F.________ ayant déposé plainte pénale et reçu une ordonnance de non-entrée en matière ensuite de laquelle il a adressé une correspondance au Ministère public, il se savait partie à une procédure et devait donc s’attendre à recevoir, à son adresse, des communications de
l'autorité, de sorte qu’il lui appartenait de prendre toutes les dispositions utiles pour que son courrier lui parvienne. Il est en outre rappelé que les arrangements conclus avec la poste n’ont pas pour effet de prolonger le délai de garde. Il y a donc lieu de considérer, conformément à la fiction de notification prévue à l’art. 85 al. 4 let. a CPP, que le pli contenant l’avis du
4.
avril 2025 a été notifié au recourant au plus tard le 13 avril 2025, à l’échéance du délai de garde de sept jours, soit avant l’expiration du délai qui lui a été fixé.

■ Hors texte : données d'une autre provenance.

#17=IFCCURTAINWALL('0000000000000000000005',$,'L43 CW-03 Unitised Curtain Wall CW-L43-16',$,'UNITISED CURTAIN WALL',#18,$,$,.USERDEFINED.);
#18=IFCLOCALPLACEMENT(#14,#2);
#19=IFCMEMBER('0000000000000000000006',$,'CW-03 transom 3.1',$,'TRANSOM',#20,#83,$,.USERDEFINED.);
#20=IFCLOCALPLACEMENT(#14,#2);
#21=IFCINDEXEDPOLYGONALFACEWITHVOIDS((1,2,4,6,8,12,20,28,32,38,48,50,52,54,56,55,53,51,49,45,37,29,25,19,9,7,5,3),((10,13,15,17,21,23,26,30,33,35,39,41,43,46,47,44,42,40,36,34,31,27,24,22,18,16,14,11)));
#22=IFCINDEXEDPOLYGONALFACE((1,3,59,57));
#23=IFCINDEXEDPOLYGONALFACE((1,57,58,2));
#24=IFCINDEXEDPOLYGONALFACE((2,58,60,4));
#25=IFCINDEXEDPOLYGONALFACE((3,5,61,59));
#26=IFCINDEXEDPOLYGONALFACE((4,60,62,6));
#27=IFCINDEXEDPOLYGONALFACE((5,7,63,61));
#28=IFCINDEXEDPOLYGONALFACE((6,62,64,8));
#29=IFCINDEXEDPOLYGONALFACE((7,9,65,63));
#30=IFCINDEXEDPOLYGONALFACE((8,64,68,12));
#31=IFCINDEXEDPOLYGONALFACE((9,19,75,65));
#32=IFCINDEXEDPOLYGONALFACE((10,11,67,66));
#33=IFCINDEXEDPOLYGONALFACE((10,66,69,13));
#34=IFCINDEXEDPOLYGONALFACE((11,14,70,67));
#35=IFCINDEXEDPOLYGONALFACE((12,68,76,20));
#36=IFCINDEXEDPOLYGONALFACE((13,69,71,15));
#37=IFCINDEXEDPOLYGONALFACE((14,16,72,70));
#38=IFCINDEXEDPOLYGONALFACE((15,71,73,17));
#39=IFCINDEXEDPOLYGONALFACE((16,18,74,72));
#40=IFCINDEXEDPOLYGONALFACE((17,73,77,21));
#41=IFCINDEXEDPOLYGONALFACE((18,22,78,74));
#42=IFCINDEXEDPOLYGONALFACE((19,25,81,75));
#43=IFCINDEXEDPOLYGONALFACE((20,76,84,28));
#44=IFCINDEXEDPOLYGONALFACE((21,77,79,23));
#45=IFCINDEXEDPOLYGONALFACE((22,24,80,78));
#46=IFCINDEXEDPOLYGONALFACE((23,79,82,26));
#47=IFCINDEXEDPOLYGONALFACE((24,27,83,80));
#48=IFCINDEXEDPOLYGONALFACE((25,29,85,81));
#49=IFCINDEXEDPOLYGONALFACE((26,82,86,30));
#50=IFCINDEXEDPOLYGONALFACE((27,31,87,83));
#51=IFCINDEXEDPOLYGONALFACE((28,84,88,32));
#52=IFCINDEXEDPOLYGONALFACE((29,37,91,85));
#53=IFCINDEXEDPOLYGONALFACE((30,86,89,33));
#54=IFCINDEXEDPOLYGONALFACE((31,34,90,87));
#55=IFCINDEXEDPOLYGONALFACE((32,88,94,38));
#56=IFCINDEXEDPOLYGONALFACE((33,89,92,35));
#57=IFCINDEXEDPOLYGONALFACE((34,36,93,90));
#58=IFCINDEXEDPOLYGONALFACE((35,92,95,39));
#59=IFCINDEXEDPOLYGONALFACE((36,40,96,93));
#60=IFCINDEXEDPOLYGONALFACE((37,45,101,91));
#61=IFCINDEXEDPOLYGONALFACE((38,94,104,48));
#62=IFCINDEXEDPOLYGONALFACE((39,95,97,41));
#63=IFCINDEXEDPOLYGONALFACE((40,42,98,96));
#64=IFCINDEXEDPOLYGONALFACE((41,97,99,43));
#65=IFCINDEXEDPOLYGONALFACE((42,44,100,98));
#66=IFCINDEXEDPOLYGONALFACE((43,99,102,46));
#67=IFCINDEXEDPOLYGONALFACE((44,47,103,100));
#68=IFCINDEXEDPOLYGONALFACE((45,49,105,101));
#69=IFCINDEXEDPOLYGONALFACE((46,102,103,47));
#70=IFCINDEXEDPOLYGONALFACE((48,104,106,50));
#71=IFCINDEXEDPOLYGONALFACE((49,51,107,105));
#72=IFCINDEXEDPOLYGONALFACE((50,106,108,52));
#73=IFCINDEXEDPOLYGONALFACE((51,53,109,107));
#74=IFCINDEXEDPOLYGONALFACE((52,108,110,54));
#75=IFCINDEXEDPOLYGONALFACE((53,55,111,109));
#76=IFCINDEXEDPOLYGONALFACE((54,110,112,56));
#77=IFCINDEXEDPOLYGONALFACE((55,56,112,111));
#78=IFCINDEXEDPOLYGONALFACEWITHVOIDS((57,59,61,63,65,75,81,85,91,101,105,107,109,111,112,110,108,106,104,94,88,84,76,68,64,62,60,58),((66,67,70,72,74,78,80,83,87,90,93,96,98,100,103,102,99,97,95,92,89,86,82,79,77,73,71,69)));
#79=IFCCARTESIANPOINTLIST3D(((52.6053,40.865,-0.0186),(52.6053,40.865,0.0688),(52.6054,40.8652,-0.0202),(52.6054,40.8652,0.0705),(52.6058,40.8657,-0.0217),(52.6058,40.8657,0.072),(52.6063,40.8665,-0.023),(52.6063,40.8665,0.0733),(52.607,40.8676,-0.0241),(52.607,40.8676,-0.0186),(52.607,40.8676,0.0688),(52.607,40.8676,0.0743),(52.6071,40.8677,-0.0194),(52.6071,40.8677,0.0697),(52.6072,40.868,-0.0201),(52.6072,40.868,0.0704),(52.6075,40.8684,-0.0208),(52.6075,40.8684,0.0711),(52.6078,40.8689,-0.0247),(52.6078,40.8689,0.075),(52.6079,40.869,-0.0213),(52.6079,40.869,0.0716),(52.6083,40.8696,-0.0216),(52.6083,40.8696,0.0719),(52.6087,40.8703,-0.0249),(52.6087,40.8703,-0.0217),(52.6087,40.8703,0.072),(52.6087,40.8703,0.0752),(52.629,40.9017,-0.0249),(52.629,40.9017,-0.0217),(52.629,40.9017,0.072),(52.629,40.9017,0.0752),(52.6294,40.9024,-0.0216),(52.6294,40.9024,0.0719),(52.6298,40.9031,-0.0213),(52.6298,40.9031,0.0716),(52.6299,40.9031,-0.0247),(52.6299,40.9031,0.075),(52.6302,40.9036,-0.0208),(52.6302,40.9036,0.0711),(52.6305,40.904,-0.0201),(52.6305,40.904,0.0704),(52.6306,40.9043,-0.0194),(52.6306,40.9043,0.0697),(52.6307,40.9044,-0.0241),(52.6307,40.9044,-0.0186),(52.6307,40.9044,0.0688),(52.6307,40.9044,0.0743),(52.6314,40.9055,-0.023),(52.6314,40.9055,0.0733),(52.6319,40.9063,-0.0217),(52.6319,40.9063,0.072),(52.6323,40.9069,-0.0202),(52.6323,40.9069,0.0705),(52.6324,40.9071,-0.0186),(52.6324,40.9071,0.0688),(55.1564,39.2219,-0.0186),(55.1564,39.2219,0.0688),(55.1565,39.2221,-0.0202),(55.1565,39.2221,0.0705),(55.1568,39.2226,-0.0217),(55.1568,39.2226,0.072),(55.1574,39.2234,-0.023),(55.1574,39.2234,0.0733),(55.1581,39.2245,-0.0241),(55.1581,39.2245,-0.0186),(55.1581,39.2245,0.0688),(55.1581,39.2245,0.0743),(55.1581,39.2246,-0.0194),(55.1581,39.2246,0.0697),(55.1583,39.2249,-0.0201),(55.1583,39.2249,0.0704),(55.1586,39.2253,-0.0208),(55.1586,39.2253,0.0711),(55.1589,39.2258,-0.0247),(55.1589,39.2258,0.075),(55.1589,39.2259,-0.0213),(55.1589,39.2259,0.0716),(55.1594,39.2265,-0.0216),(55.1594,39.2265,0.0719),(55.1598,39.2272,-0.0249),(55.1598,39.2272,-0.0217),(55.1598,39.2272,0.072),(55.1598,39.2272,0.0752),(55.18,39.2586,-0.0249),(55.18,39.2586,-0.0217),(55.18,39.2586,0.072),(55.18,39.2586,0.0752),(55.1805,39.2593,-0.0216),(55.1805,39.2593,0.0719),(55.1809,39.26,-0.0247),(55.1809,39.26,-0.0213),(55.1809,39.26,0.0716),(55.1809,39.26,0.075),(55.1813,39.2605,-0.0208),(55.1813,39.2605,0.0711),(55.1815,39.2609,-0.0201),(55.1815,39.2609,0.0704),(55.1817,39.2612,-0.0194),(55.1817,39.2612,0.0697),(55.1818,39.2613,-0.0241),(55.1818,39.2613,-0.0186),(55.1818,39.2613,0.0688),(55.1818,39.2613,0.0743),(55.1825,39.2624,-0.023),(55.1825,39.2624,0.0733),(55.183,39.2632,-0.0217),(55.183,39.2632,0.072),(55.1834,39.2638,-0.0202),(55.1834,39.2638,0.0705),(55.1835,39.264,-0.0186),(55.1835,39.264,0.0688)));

Le recourant n’a pas procédé à l’avance de frais requise dans le délai fixé au 25 février 2025. Il n’a pas non plus demandé de restitution du délai, ni à être mis au bénéfice de l’assistance judiciaire ou à être dispensé de l’avance de frais, de sorte que le recours doit être déclaré irrecevable pour ce premier motif (art. 383 al. 2 CPP).

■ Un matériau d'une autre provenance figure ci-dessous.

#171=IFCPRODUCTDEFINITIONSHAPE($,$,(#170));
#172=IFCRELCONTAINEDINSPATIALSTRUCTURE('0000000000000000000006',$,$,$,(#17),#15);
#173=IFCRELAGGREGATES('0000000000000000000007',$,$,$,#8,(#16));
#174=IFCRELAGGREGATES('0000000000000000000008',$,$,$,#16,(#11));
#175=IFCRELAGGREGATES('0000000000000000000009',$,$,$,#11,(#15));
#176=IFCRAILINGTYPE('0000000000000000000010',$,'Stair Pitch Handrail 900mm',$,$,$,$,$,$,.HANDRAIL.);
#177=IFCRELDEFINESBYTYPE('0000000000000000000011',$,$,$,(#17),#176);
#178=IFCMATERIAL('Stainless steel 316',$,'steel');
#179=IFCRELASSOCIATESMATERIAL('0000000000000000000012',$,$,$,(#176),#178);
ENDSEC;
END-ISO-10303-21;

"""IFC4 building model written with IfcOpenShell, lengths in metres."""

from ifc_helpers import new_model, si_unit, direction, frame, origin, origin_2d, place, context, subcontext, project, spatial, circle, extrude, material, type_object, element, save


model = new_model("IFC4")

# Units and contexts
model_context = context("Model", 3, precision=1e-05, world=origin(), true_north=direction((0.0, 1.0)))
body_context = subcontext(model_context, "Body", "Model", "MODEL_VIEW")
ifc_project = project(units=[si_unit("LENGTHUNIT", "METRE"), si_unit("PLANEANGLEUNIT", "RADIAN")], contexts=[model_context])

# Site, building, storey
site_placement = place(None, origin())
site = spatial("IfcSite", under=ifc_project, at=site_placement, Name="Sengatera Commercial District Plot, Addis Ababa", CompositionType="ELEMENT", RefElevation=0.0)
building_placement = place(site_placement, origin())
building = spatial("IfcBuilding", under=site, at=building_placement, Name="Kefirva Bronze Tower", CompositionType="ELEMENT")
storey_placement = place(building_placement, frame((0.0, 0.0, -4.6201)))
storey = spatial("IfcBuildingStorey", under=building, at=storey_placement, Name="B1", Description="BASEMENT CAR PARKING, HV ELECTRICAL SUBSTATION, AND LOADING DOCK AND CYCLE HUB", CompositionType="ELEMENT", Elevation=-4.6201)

L’acte du 27 mars 2025 doit en outre être déclaré irrecevable dès lors qu’il ne satisfait pas aux exigences de l’art. 385 al. 1 CPP, une volonté de recourir contre l’ordonnance du 19 février 2025 ne ressortant pas clairement de cet acte et F.________ n’ayant pas donné suite à l’avis l’invitant à confirmer une telle volonté, et ce même après avoir retiré le pli contenant cet avis, le 16 avril 2025.
5.
Les frais de la procédure de recours, constitués en l’espèce du seul émolument d’arrêt (art. 422 al. 1 CPP), par 450 fr. (art. 20 al. 1 TFIP [tarif des frais de procédure et indemnités en matière pénale du 28 septembre 2010; BLV 312.03.1]), seront laissés à la charge de l’Etat.
Par ces motifs, Le Président de la Chambre des recours pénale prononce:
Par ces motifs, Le Président de la Chambre des recours pénale prononce:
I. Le recours est irrecevable. II. Les frais d’arrêt, par 450 fr. (quatre cent cinquante francs), sont laissés à la charge de l’Etat.

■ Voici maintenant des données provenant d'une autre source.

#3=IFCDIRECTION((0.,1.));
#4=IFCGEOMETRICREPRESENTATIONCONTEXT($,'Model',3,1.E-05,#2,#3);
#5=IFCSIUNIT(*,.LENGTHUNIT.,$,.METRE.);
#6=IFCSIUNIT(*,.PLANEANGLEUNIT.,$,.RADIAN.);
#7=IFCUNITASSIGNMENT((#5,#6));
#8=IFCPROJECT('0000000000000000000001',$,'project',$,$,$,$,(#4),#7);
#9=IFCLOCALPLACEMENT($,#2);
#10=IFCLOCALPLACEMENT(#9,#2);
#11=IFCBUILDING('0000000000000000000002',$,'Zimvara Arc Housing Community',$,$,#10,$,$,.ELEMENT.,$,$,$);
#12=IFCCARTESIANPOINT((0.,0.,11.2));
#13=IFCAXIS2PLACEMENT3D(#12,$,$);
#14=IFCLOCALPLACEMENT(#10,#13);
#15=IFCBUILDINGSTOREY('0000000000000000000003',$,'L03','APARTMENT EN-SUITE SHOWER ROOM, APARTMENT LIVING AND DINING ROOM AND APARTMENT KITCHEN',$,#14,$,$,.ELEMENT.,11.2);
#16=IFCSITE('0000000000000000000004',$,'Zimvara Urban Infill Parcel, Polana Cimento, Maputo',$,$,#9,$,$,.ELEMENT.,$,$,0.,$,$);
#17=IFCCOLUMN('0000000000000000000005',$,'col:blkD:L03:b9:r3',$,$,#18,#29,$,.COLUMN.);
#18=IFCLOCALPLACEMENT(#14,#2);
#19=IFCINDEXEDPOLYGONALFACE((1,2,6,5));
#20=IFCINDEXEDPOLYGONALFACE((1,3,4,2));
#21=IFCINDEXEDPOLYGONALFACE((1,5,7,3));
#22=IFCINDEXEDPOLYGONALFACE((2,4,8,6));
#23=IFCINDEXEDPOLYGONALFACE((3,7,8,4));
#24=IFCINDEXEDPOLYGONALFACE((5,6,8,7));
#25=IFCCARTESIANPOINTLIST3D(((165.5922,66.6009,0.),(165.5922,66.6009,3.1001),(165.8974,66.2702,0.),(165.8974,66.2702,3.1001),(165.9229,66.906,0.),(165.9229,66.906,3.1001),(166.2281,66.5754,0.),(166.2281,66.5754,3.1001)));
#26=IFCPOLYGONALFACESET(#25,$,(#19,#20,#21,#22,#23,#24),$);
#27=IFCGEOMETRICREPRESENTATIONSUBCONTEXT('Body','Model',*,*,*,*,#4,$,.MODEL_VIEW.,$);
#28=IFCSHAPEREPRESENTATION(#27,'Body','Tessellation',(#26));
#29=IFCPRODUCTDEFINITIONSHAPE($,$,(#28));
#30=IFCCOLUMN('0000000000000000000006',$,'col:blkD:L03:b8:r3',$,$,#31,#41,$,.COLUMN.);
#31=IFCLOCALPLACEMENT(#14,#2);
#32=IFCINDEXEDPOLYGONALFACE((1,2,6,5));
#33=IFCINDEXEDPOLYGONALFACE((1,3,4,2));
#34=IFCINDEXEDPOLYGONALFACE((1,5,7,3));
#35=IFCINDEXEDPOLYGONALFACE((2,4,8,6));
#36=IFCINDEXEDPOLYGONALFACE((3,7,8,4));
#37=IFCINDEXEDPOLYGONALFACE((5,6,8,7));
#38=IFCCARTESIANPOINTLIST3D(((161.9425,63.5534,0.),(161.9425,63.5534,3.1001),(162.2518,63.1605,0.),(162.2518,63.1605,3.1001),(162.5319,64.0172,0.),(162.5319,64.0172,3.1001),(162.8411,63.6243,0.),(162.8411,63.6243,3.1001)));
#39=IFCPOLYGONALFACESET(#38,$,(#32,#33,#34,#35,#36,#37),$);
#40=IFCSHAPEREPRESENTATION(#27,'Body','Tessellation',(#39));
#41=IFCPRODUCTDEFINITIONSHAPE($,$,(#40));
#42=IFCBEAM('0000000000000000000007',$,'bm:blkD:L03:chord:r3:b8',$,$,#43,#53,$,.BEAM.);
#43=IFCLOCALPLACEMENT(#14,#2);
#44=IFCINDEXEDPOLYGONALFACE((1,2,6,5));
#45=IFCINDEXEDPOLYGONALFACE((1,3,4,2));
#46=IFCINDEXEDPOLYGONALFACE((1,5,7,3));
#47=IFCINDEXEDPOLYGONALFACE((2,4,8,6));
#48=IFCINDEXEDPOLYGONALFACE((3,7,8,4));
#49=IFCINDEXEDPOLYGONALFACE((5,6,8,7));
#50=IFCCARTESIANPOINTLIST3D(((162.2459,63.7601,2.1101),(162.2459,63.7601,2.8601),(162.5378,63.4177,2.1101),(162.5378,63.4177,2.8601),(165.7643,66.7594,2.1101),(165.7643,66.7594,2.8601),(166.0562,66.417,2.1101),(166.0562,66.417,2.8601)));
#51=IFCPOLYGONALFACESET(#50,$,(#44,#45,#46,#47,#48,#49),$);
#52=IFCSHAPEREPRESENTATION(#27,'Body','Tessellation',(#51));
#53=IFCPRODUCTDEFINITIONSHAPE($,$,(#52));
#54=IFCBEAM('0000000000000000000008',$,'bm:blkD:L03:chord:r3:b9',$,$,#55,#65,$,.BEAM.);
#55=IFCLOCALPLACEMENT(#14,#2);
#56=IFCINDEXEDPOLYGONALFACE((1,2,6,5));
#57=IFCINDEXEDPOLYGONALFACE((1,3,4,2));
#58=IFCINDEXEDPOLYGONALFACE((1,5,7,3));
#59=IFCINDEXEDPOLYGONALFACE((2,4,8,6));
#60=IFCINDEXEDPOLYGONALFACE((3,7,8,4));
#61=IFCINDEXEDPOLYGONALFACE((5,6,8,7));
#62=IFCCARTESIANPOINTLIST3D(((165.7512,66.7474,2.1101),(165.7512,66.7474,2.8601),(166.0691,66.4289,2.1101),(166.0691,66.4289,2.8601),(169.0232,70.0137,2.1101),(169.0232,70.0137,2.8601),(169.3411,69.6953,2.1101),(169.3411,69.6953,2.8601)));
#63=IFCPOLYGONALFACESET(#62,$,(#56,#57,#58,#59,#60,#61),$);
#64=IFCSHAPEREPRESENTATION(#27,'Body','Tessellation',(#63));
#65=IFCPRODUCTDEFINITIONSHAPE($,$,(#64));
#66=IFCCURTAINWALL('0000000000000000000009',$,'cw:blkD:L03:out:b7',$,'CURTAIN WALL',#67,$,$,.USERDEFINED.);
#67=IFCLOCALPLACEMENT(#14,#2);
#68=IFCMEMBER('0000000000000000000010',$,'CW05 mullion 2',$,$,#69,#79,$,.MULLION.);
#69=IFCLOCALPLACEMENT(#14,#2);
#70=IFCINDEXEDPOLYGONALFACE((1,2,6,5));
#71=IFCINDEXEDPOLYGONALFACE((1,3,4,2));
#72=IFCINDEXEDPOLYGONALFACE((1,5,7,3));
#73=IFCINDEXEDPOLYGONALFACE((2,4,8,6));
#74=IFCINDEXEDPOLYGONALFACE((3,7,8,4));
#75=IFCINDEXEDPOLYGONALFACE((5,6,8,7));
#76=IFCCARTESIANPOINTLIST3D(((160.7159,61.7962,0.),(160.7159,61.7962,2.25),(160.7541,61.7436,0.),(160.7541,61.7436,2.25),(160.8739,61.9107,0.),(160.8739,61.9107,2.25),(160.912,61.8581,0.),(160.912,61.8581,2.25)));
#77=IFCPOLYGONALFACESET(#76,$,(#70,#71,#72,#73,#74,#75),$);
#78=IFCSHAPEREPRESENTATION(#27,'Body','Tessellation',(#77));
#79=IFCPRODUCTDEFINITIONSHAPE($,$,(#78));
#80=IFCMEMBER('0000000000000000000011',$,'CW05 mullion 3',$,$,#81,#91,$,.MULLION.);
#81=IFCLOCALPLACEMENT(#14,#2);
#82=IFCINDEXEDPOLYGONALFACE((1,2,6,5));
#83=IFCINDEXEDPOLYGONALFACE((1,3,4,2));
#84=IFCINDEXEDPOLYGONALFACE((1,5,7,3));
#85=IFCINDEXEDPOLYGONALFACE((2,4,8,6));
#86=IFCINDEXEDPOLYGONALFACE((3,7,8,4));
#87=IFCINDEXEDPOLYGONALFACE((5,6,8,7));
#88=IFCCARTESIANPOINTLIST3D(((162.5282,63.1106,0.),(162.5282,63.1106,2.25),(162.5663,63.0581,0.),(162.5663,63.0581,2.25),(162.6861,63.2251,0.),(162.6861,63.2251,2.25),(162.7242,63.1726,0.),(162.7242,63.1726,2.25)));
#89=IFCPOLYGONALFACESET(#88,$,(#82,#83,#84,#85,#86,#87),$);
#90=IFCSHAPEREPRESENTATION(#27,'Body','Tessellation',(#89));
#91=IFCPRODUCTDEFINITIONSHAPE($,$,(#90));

III. L’arrêt est exécutoire.
Le président: Le greffier:
Du
Le présent arrêt est notifié par l'envoi d'une copie complète à:
- F.________, - Ministère public central,
et communiqué à:
- M. le Procureur de l’arrondissement de l’Est vaudois,
par l’envoi de photocopies.
Le présent arrêt peut faire l'objet d'un recours en matière pénale devant le Tribunal fédéral au sens des art. 78 ss LTF (loi du 17 juin 2005 sur le Tribunal fédéral; RS 173.110). Ce recours doit être déposé devant le Tribunal fédéral dans les trente jours qui suivent la notification de l'expédition complète (art. 100 al. 1 LTF).